Я с привычным профессионализмом и любопытством перелистал ветхие желтые бумажки. Старик все время порывался мне что-то объяснить и приговаривал: «Вот-вот, самое интересное», «Вы посмотрите, кто это подписал», «Нет, обратите внимание, когда все это было». Пальцы его с коротко и аккуратно подстриженными ногтями мелко и суетно вздрагивали.
– Георгий Константинович, – сказал я. – Все это очень интересно. Но здесь, так сказать, одни только канцелярские документы. А где же свидетельства ваших сценических успехов? Снимки из спектаклей: из «Баядерки», из «Марицы», из «Корневильских колоколов»?
Георгий Константинович перестал просительно улыбаться. И пальцы его перестали деликатно подрагивать.
– Так вам известна и эта сторона моей карьеры? – почему-то упавшим тоном спросил старик.
– Ну конечно, – старался я его ободрить. – Блистательная сторона. Ваши выступления в театре Выгодского, на вас держался весь репертуар, как я понимаю. Голос, фактура, аллюр. Говорят, в светских ролях вы были неподражаемы. – Я не знал этого проклятого актерского языка и поэтому чувствовал себя ужасно глупо.
– Действительно, говорили, что выходило неплохо. – Георгий Константинович был словно удручен чем-то. – Неплохо, неплохо. Однако вы учтите, это продолжалось не так уж долго. С Выгодским мы не сошлись по многим вопросам, и вообще я скоро покинул оперетту. – Он помолчал и потом «в сторону», как писали в старых драмах, добавил: – У меня, видите ли, пропал голос.
– Георгий Константинович, – решившись наконец, сказал я. – Простите меня, ради бога. Я, правда, постараюсь помочь вам в вашем ходатайстве, но сейчас меня интересует совсем другое. Я у вас прошу помощи. Совершенно серьезно. Это очень важно для всей русской культуры.

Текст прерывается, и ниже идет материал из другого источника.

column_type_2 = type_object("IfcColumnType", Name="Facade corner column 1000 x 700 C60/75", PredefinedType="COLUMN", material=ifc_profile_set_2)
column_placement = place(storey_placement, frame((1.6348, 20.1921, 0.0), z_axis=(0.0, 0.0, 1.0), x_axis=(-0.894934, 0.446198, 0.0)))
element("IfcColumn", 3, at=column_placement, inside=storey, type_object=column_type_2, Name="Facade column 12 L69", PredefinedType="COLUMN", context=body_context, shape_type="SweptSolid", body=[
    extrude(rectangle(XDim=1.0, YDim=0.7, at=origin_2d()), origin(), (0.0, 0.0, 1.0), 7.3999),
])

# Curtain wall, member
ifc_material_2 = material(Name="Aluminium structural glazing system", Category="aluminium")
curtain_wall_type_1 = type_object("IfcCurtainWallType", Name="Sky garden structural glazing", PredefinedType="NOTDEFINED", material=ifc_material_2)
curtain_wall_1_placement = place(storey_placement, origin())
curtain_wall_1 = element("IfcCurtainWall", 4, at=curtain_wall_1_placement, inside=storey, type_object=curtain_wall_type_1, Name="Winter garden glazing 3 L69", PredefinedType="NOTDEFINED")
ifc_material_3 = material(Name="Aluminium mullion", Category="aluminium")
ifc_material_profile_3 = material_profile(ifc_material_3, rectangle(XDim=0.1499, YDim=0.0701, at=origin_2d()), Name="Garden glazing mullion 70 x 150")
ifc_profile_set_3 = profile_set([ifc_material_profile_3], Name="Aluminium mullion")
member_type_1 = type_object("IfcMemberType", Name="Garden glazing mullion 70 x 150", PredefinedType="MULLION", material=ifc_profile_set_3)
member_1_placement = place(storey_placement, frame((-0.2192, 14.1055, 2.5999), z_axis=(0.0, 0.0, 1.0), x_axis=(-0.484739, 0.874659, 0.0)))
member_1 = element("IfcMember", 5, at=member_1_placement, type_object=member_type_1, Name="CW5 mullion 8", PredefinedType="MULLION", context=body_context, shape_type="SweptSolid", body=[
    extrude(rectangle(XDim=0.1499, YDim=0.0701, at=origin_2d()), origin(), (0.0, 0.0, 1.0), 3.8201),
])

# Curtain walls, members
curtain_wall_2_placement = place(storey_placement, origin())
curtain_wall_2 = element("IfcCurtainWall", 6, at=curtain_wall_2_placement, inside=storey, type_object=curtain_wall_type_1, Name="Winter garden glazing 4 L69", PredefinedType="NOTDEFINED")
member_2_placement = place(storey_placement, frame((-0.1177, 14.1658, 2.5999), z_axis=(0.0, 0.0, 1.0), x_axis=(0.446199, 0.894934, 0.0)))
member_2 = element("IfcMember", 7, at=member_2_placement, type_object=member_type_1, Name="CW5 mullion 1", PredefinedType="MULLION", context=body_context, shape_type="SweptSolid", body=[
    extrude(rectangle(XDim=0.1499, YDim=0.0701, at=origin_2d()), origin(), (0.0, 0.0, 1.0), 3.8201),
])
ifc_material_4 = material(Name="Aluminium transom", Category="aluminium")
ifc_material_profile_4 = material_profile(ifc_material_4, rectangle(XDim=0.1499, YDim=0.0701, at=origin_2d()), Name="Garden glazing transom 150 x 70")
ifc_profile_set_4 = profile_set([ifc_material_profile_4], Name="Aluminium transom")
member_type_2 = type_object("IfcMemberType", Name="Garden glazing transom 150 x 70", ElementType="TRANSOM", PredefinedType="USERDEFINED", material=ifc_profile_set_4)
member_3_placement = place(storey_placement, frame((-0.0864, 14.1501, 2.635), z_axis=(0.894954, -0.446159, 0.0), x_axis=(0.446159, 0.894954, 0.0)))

– Пожалуйста, пожалуйста, – развел руками старик, слегка напуганный моим пафосом.
– Скажите, это правда, что вы давно знакомы с Анной Николаевной Кизеветтер?
И вот тут в течение нескольких минут произошло нечто неожиданное. У меня на глазах начала оживать допотопная свищевская фотокарточка, сквозь будничную маску суетливого старичка из коммунальной квартиры, как старая иконопись сквозь более позднюю роспись, проступили былые черты льва и фата. Карикатурно они проступили и низкопробно, речь из надоедливо подробной сделалась пренебрежительно неторопливой, и все же сквозила в этом преображении некая патетика.

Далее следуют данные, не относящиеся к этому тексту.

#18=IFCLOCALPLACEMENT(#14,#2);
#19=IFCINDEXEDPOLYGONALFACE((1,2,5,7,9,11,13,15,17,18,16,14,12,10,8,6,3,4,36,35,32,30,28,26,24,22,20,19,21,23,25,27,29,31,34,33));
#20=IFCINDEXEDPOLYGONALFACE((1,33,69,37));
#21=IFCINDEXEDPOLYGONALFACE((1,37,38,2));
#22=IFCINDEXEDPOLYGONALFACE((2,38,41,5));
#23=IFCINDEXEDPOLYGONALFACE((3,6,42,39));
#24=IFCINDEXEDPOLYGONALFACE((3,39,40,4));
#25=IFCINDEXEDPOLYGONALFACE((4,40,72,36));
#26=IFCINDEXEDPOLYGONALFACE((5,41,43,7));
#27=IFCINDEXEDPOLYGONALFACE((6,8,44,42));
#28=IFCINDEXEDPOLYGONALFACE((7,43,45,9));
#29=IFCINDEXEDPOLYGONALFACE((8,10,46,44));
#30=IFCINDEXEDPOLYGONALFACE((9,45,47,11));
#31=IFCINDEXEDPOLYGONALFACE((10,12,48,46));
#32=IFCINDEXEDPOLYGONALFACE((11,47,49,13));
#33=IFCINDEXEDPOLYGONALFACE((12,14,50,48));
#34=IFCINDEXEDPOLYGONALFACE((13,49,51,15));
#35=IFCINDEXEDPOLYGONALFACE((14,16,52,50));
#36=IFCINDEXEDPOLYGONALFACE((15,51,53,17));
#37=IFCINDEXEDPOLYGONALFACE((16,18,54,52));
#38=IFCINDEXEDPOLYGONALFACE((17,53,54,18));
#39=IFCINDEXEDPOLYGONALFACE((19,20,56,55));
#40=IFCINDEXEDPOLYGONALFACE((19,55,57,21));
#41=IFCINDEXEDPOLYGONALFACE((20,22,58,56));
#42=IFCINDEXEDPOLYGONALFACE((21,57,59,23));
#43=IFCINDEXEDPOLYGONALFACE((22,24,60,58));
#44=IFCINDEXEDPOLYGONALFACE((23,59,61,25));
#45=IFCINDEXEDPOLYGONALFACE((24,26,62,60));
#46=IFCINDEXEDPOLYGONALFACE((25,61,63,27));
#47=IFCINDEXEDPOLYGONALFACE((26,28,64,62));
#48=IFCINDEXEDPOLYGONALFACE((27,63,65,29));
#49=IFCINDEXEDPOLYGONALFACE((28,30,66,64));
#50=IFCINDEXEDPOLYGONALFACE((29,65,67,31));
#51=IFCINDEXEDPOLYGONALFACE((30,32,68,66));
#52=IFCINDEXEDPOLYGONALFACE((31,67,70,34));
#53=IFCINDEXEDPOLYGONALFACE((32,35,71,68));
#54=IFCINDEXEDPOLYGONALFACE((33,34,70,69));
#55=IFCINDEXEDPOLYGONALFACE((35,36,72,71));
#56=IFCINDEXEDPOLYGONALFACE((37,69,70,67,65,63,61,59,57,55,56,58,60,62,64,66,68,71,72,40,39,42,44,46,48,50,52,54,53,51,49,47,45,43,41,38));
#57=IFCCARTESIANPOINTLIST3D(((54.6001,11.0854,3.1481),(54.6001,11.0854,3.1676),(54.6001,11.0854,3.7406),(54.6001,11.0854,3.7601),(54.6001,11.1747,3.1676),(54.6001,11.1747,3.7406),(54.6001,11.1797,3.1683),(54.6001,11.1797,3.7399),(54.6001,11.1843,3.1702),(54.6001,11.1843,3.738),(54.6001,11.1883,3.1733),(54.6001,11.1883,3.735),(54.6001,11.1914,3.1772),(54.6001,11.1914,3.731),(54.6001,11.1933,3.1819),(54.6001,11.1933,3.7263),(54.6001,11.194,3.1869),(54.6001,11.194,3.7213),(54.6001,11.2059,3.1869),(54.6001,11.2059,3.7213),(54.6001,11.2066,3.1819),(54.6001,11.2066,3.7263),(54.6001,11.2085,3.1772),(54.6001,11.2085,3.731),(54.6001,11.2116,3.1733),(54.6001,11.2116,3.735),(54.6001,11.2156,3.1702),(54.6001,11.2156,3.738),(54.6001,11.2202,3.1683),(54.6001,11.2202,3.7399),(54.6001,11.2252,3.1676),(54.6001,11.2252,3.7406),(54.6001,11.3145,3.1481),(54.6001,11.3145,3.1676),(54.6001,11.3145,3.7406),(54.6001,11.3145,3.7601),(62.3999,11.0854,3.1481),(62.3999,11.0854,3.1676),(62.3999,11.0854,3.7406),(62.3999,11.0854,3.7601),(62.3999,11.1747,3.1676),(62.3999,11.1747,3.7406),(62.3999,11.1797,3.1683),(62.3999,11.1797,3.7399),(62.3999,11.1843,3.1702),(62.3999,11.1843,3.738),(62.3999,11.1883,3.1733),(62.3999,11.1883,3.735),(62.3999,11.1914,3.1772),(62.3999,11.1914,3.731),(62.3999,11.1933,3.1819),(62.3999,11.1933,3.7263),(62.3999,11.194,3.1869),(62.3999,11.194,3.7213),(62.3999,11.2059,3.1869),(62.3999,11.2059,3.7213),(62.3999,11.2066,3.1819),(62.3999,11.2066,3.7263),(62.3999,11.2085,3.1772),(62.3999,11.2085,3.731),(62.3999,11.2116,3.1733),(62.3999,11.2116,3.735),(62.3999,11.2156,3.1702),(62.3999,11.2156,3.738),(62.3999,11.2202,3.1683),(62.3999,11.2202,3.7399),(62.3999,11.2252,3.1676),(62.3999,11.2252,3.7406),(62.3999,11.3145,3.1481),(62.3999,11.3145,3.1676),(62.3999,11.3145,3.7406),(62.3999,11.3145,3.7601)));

– Как же, как же, – не произнес, а словно процедил Георгий Константинович, не внешне, а внутренне улыбаясь своим воспоминаниям, – Анечка Кизеветтер. Как же, как же…
Я увидел и нервные ноздри, и узкие презрительные губы, даже несуществующий пробор на лысой голове.
– С Аней, пардон, с Анной Николаевной, – продолжал старик, – мы были близкими друзьями. Весьма близкими. Об этом не принято говорить, да уж старикам простительно. Какие у стариков грехи, кроме воспоминаний! Анна Николаевна, молодой человек, была прелестна, вам даже трудно вообразить себе нечто подобное – теперь не тот стиль. Теперь в ходу моветон. Старик Карамазов это предвидел. А Анна Николаевна была само изящество, само совершенство. Не женщина, а осколок империи, и это в те-то весьма суровые годы… – Он откинулся в кресле, и кисть его правой руки, еще недавно боязливо суетившаяся, описывала в пространстве изящные фигуры.